Australian behemoth Jordan Mailata proving a path to NFL success possible for rugby players

Why can’t a professional rugby player find success in the NFL? It’s a question that has perplexed sports fans for years. The two sports seem naturally compatible and possess shared origins. Plenty of high school rugby players have successfully made the transition in college and translated it to the NFL. And yet, of the string of pro rugby stars who have tried their hand at professional football, none have yet to find success at the NFL level.

That is until Jordan Mailata came along.

The mountainous Aussie is putting together a breakout 2020 season for the Philadelphia Eagles, providing a rare bright spot in a difficult season for the NFC East club. While players like Hayden Smith, Daniel Adongo, Jarryd Hayne and current Buffalo Bill Christian Wade have yet to break out at more translatable skill positions, Mailata has found a role by taking advantage of the one thing you simply can’t teach: size. Standing 6’8 and weighing 346 pounds, he’s the ideal offensive tackle and is looking like the long term future at the position for the Eagles.

It hasn’t always been smooth sailing for Mailata. Since being selected 233rd overall in the 2018  NFL Draft and becoming the second player ever drafted without American college or high school football experience, Mailata had yet to play an NFL game before this season and ended up on injured reserve both years. However, the freakish Australian was no stranger to overcoming medical setbacks. Before his insane rugby highlight tape went viral, Mailata almost lost the sport, and his life, when he fainted at a training session and was rushed in for emergency heart surgery. He bounced back from that scare with the best play of his life and now fully healthy in 2020, he’s done the same thing.

Jordan Mailata holds off Jacksonville Jaguars defensive end Lyndon Johnson, 92, in a preseason game Photo: Phelan M. Ebenhack AP

In what many fans and pundits considered to be the make or break season for his NFL experiment, Mailata has shown all the promise of his viral highlight reel while plugging gaps along a banged up Eagles offensive front. It started in Week One when he jumped in for injured Eagles rookie Jack Driscoll midway through the third quarter. By Week Four, he’d earned his first start at left tackle and hasn’t been off  the field since.

“I’m telling you, anytime I can get into the game, I’m licking my fingers, licking my lips, ready to go,” Mailata told reporters last week while discussing his early season success. “It’s such a great feeling to be out there. I understand why people play so long, and why they love the sport. Once I got the taste, I want more.”

While the rest of Eagles have routinely drawn the ire of the fanbase for their losing record, Mailata has slowly become a fan favourite. When starting left tackle Jason Peters, a 17-year NFL veteran with nine Pro Bowl appearances to his name, returned from injury last week, many fans were vocal in their belief that Mailata should retain the job, giving him further time to develop. The Eagles instead shifted him to right tackle, giving Peters back his job but keeping Mailata on the field.

“I think I was doing my job. I was doing the best I can,” Mailata said about the shift. “Was it perfect? Sometimes it was, sometimes it wasn’t. But, you know, as for keeping the job, again, I can only control what I can control and I can only put out for the universe what I give, so it’s not up to me.”

Jordan Mailata playing rugby for the South Sydney Rabbitohs Photo:

Mailata is less familiar with the right side than the left one but he’s refining his technique and continued to perform at a high level on Sunday despite the shift. It’s all likely temporary however. Usual starting right tackle Lane Johnson, a former All-Pro himself, could be back on the field as early as next week and that would send Mailata right back to the bench.

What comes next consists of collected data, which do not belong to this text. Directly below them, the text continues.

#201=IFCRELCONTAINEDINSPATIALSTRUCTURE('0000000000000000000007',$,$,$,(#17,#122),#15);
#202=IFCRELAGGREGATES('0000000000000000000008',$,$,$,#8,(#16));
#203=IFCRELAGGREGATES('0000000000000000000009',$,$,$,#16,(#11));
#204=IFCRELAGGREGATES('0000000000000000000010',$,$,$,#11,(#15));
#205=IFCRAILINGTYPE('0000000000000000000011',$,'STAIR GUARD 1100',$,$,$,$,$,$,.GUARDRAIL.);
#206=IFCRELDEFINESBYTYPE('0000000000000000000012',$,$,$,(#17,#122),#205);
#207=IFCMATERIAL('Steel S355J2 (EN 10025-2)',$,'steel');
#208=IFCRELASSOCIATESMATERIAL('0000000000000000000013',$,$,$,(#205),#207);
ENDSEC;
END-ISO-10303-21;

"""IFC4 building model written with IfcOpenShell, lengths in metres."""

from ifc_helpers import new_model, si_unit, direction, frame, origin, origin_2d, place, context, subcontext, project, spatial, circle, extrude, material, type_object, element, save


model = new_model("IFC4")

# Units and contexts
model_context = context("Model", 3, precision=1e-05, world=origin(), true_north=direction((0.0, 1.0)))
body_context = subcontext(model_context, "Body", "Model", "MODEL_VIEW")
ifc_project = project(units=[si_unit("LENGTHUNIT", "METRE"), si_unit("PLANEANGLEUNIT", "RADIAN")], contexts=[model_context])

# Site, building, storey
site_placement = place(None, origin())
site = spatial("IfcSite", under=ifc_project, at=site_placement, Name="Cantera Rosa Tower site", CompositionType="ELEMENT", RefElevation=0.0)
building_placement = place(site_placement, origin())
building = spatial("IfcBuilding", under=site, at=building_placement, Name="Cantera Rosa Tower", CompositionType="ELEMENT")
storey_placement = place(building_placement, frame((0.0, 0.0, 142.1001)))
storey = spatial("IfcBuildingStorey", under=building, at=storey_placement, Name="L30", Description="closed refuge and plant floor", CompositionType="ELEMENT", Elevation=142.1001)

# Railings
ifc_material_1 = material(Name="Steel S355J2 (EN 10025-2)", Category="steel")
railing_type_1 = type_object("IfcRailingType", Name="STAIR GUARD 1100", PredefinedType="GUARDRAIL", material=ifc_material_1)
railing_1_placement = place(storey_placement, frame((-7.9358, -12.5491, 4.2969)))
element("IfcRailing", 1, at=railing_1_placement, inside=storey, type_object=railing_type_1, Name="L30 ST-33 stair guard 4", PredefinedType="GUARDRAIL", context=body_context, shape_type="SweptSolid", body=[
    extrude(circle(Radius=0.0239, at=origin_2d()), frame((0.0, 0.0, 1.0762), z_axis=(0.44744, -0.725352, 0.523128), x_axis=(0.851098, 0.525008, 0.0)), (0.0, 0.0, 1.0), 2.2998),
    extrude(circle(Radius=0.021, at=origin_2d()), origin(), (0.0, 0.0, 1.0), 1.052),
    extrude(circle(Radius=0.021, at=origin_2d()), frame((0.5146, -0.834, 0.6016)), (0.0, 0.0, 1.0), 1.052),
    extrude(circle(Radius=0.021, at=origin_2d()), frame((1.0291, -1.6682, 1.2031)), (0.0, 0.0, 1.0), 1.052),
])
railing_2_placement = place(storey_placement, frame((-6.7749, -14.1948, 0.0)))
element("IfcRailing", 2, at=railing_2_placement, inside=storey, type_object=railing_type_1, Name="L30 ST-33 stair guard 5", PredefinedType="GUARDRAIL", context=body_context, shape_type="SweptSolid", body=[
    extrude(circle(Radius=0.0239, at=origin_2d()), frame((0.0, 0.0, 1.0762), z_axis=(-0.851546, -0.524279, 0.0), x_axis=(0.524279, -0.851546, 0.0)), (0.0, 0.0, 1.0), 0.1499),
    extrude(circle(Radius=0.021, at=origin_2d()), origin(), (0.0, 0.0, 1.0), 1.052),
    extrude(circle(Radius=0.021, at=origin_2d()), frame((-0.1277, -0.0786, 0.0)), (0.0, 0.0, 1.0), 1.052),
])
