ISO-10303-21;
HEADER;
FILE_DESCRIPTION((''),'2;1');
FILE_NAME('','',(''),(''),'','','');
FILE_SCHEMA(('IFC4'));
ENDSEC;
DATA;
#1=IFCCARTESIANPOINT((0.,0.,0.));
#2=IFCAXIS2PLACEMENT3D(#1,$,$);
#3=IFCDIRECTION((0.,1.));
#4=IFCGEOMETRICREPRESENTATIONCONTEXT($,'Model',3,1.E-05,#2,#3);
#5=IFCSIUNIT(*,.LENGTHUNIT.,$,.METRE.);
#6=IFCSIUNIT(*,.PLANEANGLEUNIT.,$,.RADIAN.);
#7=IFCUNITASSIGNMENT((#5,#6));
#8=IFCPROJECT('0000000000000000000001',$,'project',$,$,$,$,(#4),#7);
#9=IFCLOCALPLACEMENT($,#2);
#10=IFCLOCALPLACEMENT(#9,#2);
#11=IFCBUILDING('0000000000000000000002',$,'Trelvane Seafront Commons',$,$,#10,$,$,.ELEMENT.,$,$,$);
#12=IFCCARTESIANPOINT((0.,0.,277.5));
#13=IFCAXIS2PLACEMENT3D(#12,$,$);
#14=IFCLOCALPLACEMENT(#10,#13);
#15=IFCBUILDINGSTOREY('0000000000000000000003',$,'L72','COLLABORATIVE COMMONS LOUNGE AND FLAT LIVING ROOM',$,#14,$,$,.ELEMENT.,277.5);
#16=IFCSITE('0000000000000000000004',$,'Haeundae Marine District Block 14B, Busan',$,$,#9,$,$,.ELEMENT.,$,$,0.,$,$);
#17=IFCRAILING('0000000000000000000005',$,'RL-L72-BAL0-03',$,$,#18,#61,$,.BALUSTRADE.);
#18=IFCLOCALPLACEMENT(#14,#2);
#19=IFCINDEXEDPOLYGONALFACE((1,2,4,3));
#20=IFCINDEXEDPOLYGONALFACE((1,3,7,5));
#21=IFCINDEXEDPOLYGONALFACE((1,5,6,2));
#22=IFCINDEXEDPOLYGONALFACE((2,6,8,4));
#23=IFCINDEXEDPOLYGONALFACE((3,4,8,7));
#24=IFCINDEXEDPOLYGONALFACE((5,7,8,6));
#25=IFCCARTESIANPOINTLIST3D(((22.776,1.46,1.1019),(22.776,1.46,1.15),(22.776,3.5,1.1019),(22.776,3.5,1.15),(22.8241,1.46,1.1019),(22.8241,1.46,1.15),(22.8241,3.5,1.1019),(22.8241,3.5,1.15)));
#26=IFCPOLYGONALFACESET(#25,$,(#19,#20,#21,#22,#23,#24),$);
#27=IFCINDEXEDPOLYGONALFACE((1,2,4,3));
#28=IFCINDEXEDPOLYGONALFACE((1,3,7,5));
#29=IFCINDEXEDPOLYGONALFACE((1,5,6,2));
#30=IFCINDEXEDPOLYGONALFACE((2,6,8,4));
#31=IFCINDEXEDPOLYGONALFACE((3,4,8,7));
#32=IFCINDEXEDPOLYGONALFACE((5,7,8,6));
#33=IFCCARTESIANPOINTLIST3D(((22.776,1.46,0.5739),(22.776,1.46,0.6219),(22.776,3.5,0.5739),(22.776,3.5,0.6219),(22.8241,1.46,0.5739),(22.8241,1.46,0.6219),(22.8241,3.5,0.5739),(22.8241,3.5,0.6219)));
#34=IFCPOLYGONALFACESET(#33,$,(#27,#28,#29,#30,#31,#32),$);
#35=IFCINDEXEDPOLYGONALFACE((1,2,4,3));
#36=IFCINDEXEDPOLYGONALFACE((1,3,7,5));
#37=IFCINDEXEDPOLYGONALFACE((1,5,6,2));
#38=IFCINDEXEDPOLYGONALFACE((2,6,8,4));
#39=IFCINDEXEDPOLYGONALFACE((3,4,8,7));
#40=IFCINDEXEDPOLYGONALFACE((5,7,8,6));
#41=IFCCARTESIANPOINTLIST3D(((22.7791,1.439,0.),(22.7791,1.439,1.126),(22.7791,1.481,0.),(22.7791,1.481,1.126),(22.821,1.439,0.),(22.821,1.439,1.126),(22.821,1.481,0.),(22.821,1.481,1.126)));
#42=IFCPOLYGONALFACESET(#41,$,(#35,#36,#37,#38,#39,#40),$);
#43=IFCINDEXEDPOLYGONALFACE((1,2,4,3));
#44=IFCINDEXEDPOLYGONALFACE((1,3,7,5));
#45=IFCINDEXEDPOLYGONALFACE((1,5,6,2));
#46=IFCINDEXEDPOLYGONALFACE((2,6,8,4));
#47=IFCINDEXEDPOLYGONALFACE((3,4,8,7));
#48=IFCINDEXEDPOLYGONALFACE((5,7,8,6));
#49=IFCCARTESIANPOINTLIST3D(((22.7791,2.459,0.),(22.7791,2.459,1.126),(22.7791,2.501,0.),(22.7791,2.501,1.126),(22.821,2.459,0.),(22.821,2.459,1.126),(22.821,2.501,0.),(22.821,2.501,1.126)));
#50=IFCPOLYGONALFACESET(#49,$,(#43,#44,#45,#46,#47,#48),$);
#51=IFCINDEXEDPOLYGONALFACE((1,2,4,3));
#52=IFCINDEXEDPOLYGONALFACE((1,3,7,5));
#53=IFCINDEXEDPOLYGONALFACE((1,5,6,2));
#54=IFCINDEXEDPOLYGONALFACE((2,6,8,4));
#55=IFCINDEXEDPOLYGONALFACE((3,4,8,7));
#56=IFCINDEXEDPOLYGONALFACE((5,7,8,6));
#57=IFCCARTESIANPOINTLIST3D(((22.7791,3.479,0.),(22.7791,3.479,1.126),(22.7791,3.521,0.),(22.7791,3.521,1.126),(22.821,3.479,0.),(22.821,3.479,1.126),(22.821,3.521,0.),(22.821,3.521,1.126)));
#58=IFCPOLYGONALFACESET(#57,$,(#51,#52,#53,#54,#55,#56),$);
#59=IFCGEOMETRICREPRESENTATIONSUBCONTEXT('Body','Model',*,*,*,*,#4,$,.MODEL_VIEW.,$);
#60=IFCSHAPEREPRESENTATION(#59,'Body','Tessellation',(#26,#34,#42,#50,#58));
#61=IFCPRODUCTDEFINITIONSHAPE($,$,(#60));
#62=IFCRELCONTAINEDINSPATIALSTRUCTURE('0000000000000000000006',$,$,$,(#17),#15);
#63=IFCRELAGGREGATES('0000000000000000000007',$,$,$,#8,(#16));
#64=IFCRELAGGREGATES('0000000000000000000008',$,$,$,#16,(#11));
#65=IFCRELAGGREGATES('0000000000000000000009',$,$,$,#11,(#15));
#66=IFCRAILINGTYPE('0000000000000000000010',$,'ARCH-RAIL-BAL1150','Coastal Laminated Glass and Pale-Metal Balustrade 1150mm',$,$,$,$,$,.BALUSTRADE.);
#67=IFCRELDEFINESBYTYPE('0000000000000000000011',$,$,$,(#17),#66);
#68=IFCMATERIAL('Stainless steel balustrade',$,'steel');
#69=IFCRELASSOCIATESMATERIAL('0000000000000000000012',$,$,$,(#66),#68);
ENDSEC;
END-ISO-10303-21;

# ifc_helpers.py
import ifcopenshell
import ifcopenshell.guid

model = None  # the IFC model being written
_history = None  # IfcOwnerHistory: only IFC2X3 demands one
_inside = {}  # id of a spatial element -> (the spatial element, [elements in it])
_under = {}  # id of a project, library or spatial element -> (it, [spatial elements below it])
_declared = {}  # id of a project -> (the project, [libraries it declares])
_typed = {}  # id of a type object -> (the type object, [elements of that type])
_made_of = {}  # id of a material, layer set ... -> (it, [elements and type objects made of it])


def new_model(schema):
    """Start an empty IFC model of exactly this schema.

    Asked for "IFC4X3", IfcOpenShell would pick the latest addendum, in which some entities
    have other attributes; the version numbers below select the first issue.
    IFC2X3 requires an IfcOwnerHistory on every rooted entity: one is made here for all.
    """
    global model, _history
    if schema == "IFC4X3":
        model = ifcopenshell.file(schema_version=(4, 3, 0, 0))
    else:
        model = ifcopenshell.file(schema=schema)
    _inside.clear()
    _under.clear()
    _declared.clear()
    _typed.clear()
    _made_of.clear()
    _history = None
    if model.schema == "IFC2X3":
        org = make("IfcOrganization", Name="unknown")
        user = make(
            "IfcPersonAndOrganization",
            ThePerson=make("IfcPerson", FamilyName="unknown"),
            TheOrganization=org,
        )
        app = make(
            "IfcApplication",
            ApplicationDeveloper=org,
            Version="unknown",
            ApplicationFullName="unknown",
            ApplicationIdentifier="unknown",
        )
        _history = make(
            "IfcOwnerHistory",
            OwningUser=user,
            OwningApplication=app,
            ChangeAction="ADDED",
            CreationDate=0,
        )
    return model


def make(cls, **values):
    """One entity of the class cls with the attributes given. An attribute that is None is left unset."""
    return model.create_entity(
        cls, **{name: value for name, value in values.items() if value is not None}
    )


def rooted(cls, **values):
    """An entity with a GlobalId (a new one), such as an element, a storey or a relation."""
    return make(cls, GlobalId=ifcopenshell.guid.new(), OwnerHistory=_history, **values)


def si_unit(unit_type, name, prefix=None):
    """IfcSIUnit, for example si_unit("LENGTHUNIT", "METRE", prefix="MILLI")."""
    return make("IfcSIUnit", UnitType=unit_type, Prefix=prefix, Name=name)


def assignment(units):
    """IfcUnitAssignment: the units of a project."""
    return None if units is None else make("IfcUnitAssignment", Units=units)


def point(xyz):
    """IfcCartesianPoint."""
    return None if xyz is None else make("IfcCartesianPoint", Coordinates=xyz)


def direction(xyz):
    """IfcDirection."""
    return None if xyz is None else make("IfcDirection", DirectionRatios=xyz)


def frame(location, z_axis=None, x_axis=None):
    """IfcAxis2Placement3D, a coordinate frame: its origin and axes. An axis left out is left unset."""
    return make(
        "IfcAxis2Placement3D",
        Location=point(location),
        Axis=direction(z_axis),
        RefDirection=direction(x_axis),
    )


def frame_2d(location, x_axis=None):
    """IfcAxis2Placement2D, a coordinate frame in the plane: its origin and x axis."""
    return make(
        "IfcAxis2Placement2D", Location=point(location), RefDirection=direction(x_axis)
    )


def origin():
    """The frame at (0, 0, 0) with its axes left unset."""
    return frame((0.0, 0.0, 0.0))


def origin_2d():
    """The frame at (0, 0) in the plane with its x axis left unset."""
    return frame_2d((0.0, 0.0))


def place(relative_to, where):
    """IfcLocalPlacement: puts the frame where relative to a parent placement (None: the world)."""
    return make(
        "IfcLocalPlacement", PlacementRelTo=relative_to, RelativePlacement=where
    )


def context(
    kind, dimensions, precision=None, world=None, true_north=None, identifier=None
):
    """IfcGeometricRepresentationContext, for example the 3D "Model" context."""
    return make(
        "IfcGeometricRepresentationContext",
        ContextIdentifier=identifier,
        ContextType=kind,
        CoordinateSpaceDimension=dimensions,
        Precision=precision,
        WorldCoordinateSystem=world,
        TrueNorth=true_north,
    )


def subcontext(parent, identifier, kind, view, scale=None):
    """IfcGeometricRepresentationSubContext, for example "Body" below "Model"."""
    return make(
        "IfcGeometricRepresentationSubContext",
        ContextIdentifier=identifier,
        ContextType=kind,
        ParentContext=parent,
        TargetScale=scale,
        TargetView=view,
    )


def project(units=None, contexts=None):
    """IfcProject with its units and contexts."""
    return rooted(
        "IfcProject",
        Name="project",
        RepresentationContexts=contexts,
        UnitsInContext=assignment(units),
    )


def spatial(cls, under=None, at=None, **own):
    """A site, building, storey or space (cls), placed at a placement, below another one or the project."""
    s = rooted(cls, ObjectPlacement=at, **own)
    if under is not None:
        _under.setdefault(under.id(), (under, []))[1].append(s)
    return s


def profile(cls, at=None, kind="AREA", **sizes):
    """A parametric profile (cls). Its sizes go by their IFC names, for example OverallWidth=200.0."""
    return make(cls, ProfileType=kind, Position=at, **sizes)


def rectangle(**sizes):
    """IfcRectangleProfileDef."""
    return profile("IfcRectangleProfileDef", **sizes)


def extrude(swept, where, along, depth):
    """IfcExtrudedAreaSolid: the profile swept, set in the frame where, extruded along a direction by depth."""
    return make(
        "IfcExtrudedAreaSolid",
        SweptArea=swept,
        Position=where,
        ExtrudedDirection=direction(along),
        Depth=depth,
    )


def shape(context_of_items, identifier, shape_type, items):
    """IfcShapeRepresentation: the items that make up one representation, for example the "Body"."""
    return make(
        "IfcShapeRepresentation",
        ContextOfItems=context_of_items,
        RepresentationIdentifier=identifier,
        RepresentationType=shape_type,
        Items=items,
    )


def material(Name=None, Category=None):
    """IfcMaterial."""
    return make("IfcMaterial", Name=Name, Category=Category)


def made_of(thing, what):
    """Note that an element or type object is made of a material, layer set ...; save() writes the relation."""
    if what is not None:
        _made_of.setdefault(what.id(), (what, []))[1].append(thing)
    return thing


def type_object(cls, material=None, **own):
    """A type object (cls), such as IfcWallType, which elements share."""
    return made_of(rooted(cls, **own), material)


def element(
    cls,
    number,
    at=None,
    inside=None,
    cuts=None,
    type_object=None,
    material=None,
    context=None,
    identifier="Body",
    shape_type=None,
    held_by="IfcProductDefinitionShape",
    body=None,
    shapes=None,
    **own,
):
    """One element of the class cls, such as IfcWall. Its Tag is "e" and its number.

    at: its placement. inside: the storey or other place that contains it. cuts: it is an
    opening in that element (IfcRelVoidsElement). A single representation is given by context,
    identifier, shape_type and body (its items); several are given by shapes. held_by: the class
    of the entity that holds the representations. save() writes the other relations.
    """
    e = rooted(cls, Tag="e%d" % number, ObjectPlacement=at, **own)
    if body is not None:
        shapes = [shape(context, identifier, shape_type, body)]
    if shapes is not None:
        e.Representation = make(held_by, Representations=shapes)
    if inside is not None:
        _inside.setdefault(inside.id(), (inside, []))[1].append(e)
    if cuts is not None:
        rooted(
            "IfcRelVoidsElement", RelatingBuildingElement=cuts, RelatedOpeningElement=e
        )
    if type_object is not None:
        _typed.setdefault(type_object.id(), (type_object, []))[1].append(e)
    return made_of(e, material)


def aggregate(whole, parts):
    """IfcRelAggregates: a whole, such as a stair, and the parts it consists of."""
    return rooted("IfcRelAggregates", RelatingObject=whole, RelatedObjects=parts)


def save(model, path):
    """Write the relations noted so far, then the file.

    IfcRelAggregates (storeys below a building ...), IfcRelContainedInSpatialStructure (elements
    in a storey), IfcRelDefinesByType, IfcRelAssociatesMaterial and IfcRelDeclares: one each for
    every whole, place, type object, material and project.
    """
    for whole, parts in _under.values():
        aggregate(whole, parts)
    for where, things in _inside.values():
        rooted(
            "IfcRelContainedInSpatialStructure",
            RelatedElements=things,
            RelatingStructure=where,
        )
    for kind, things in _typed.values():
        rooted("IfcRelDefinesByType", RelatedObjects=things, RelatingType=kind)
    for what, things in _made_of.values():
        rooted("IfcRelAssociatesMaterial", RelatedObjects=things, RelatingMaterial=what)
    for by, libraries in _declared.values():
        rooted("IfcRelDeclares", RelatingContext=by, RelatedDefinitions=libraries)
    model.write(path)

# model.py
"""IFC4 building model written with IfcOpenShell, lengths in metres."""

from ifc_helpers import new_model, si_unit, direction, frame, origin, origin_2d, place, context, subcontext, project, spatial, rectangle, extrude, material, type_object, element, save


model = new_model("IFC4")

# Units and contexts
model_context = context("Model", 3, precision=1e-05, world=origin(), true_north=direction((0.0, 1.0)))
body_context = subcontext(model_context, "Body", "Model", "MODEL_VIEW")
ifc_project = project(units=[si_unit("LENGTHUNIT", "METRE"), si_unit("PLANEANGLEUNIT", "RADIAN")], contexts=[model_context])

# Site, building, storey
site_placement = place(None, origin())
site = spatial("IfcSite", under=ifc_project, at=site_placement, Name="Haeundae Marine District Block 14B, Busan", CompositionType="ELEMENT", RefElevation=0.0)
building_placement = place(site_placement, origin())
building = spatial("IfcBuilding", under=site, at=building_placement, Name="Trelvane Seafront Commons", CompositionType="ELEMENT")
storey_placement = place(building_placement, frame((0.0, 0.0, 277.5)))
storey = spatial("IfcBuildingStorey", under=building, at=storey_placement, Name="L72", Description="COLLABORATIVE COMMONS LOUNGE AND FLAT LIVING ROOM", CompositionType="ELEMENT", Elevation=277.5)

The Australian’s job is set to change week to week from here on in, but he isn’t frustrated by the uncertainty.

“Nah, no frustration at all,” Mailata said. “I always said, it’s team first. If they go to right tackle, I’m like, ‘Cool. ’Sup, Matt Pryor? What’s going on, man? I’m back.’ And if I go back to left, I’m like ‘I’m back, Herbie.’ So that’s pretty much it. I’m comfortable (on) both sides, obviously more comfortable on the left, but any time I can get a rep in the ones, I’m cheering. I’m all for it any time I can get a rep with the ones.”

Its a good philosophy to have, but regardless of where he will be playing Mailata has secured an NFL future and already surpassed the accomplishments of other rugby stars who have tried their hand at the gridiron game. A testament to his development at the hands of the coaching staff, Mailata will be a key piece of the Eagles future and, at just 23, his best years are still in front of him. When Jason Peters finally retires, the Australian has made a compelling case to be his heir apparent protecting the blindside, a role previously unconscionable for a foreign born rugby player.

When you’re as big as he is, I guess it’s easy to break new ground.

J.C. Abbott is a student at the University of British Columbia and amateur football coach in Vancouver, Canada. A CFL writer for 3DownNation, his love of travel has been the root of his fascination with the global game.